還怔愣着的葉輕揚離得最近,本能地退開,一瓶續骨丹悄然捏在手中。
“怎麼,你們二位是想——”
水瑟凝出,江鴻剛要動手,那廂,血流成河的地方突然爆出沖天氣潮,雪花裹着鮮血,在空中淩亂飄揚。
嘭!
白色藤蔓疾速攀出,似是口渴一樣沖進血泥裡酣飲,發出“滋滋”響聲,旋即,數道同樣的藤蔓自地下射出。
雪地塌陷,天地暗沉。
刺耳而沙啞的低吼聲中,一個碩大身影爬出頭,恐怖的威壓一瞬掃清整片陸地,風雪驟刹。
地心塌陷處,血紅巨型花巍然而立,花心一隻眼,數個黑玉般的瞳仁嵌在其中,朝着各個角落來回看,花瓣上大大小小、密密麻麻的口,或張或閉,滑出淋漓鮮血。
江鴻按住水瑟,呼吸都放輕了些許。
葉輕揚目瞪口呆杵在原地,百識鏡這次更是直接裝死了。
一直無精打采的遙遙炸起一身的毛,四條瘋狂竄動的腿各有各的想法,沒幾下就扭打成結,它分毫不覺,固執地往葉輕揚懷裡鑽,恨不能藏進他身體裡。
苦戰的二人亦是愕然收手,不敢繼續動作。
身處中心的荀俊傑本還在笑,後知後覺不對勁,僵硬地扭過脖子,尚未看清巨物的模樣,便被砰的一下抽在地上。
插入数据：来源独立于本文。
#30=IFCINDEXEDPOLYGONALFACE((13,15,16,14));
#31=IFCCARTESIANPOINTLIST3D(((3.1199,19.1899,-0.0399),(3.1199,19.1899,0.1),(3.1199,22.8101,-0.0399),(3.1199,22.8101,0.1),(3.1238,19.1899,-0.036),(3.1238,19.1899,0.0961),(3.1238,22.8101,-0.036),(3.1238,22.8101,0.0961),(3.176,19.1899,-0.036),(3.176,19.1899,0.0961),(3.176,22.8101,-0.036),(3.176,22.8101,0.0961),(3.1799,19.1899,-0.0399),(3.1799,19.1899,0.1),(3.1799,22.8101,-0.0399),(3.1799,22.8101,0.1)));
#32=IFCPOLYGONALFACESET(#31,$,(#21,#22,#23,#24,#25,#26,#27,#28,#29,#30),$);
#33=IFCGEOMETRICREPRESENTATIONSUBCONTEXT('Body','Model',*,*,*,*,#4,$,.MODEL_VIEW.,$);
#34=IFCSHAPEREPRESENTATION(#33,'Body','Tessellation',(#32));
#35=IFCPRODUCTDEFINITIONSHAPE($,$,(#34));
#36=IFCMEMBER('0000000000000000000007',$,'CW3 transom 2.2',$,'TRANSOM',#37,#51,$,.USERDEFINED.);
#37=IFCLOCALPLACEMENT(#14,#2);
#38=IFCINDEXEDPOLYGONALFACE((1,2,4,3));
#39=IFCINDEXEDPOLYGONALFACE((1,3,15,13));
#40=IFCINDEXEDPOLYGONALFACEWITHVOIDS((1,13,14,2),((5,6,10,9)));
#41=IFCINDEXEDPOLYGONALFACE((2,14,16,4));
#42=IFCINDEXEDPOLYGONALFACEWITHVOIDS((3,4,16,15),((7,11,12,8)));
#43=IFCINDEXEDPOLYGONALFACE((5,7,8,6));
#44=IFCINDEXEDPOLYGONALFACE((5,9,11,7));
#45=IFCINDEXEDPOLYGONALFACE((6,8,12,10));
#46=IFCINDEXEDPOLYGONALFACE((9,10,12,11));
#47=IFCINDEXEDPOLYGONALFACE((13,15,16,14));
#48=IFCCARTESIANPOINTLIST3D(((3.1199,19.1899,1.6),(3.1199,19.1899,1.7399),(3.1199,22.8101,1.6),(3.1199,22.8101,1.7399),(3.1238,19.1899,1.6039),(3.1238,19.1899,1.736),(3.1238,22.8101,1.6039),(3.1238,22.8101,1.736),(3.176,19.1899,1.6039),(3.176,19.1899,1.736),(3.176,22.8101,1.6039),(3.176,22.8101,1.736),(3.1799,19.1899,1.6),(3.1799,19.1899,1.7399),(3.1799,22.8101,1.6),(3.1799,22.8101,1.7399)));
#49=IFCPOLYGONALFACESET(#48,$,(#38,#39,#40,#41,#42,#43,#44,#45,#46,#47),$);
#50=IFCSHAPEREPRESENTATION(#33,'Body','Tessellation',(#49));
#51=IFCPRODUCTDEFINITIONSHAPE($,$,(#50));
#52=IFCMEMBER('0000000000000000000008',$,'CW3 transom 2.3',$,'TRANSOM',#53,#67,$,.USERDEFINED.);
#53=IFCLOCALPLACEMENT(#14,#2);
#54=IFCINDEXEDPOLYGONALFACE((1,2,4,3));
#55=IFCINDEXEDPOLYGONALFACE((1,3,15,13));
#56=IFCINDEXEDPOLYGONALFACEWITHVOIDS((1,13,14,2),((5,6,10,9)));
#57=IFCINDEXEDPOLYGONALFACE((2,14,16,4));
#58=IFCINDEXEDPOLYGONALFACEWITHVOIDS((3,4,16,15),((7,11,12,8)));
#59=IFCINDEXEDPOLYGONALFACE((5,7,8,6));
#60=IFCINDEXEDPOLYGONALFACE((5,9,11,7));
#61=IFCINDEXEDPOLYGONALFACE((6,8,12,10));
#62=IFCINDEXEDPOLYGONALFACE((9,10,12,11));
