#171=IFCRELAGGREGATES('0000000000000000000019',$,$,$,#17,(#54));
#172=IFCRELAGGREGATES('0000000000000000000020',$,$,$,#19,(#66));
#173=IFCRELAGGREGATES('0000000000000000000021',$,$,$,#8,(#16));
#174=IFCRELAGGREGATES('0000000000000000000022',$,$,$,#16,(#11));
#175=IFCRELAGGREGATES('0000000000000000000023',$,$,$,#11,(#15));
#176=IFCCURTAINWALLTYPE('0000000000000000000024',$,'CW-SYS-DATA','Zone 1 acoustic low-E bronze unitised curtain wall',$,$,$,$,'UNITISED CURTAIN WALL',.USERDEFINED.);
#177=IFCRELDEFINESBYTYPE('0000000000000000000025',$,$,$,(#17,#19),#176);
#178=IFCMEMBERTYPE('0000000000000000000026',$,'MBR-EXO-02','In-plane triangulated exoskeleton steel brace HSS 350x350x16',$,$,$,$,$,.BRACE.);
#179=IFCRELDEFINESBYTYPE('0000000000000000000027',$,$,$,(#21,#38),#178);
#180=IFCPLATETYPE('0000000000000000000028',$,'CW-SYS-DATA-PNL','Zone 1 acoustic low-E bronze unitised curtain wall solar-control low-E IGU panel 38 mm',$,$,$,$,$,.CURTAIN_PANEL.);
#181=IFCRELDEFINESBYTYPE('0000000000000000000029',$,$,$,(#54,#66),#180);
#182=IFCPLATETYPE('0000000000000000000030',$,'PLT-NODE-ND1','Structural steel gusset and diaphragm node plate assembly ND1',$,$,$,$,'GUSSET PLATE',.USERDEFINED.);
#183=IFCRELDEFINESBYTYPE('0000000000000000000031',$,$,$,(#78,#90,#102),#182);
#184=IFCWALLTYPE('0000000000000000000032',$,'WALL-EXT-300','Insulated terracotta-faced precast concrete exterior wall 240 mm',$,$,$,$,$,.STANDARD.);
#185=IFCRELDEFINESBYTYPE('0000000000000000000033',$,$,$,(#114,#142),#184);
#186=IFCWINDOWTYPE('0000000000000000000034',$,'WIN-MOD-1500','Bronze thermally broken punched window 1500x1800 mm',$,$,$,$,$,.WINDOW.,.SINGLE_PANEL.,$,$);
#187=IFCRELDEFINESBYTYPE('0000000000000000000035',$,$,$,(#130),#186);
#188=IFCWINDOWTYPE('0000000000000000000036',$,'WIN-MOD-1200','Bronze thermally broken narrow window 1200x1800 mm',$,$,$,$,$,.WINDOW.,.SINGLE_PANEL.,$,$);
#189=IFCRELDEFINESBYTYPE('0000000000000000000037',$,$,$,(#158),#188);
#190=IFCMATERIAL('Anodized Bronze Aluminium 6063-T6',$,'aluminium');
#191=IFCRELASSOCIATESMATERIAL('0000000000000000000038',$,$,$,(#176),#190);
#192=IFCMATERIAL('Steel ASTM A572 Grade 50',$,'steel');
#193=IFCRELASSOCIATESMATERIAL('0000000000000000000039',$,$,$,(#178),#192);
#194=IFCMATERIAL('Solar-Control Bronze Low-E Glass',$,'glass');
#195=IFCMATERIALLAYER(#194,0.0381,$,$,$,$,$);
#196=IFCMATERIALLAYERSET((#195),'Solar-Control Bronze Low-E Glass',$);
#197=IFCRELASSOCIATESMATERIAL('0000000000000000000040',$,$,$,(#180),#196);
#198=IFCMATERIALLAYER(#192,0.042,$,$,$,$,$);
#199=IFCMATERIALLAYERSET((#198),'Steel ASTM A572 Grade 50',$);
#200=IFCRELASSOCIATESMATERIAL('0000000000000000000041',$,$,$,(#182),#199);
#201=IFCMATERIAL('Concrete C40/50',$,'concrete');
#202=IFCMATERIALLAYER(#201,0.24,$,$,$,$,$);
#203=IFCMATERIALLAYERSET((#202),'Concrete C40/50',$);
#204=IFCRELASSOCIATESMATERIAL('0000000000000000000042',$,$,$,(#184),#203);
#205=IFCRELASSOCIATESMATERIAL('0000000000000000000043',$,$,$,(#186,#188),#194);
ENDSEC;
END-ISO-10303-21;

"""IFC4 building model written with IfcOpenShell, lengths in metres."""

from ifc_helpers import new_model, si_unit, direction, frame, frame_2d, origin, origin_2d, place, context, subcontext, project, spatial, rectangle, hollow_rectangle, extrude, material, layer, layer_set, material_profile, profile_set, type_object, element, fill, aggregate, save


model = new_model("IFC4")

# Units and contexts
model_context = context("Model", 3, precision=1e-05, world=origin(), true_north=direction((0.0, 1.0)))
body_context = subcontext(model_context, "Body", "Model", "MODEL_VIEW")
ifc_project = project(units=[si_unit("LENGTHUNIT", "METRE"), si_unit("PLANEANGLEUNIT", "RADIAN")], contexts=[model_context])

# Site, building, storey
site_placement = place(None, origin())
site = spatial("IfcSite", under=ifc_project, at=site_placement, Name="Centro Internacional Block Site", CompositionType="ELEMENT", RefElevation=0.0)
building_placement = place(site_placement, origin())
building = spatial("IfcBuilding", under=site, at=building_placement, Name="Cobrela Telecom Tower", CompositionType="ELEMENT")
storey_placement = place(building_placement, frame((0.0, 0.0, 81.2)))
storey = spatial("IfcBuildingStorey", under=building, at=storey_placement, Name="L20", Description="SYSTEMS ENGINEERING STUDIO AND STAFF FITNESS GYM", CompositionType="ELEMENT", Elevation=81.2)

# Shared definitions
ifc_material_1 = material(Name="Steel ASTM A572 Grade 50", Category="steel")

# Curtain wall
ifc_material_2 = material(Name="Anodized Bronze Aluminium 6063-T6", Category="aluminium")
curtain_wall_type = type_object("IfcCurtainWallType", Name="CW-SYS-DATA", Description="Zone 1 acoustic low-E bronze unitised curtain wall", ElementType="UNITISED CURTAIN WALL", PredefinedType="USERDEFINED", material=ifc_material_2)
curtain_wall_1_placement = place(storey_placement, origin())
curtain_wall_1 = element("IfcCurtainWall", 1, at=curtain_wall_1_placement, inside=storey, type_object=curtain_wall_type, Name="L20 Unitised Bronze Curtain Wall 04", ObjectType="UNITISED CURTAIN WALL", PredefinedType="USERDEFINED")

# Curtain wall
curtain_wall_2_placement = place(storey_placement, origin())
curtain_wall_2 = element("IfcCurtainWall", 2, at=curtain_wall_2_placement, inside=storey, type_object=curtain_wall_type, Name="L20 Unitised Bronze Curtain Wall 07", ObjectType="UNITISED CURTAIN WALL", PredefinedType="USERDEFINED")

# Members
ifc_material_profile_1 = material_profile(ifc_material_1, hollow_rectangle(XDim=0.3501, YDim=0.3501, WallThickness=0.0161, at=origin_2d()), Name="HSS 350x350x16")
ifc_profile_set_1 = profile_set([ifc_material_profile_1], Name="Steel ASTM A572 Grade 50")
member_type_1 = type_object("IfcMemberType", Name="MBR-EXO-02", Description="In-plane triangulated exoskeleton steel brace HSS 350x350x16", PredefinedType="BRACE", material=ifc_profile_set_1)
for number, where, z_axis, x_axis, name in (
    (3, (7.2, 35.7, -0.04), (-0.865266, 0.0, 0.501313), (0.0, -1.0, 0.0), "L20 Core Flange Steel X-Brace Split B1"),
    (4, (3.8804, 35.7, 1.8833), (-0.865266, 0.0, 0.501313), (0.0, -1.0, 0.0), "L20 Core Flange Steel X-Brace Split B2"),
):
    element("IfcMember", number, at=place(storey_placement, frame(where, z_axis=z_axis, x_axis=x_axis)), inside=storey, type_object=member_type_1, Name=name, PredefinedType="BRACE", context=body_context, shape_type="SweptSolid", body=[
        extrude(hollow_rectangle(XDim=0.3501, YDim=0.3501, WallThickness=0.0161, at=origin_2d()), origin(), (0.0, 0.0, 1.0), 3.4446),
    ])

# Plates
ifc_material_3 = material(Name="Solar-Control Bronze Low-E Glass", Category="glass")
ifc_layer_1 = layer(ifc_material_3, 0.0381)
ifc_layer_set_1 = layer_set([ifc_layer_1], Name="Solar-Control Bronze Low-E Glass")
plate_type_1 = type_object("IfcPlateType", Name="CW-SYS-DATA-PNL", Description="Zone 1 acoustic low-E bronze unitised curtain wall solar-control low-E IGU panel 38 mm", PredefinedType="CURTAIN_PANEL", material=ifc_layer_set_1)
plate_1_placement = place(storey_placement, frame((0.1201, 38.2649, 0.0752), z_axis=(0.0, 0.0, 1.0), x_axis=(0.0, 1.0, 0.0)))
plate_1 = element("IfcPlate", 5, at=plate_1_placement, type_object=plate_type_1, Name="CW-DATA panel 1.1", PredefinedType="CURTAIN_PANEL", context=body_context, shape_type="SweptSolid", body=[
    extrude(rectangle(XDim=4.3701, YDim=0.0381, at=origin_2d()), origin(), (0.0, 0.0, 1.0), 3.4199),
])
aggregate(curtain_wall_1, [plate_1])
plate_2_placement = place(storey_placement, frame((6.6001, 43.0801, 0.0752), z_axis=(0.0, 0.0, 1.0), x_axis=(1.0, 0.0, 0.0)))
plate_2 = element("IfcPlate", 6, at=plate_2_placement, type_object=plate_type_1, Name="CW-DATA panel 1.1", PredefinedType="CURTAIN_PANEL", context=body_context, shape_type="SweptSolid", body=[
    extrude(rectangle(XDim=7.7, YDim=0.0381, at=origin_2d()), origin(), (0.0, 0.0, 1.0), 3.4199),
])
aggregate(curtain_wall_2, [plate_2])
冰涼滑膩的東西重重壓在後脖頸,激起他一身汗毛。
嘎吱嘎吱——
白色藤蔓碾在他身上,衆人這才看清,那根本不是什麼藤蔓,而是由七長八短、大小不一的骨頭拼接成的觸手。
荀俊傑抖了抖唇,“易、易師兄,救……”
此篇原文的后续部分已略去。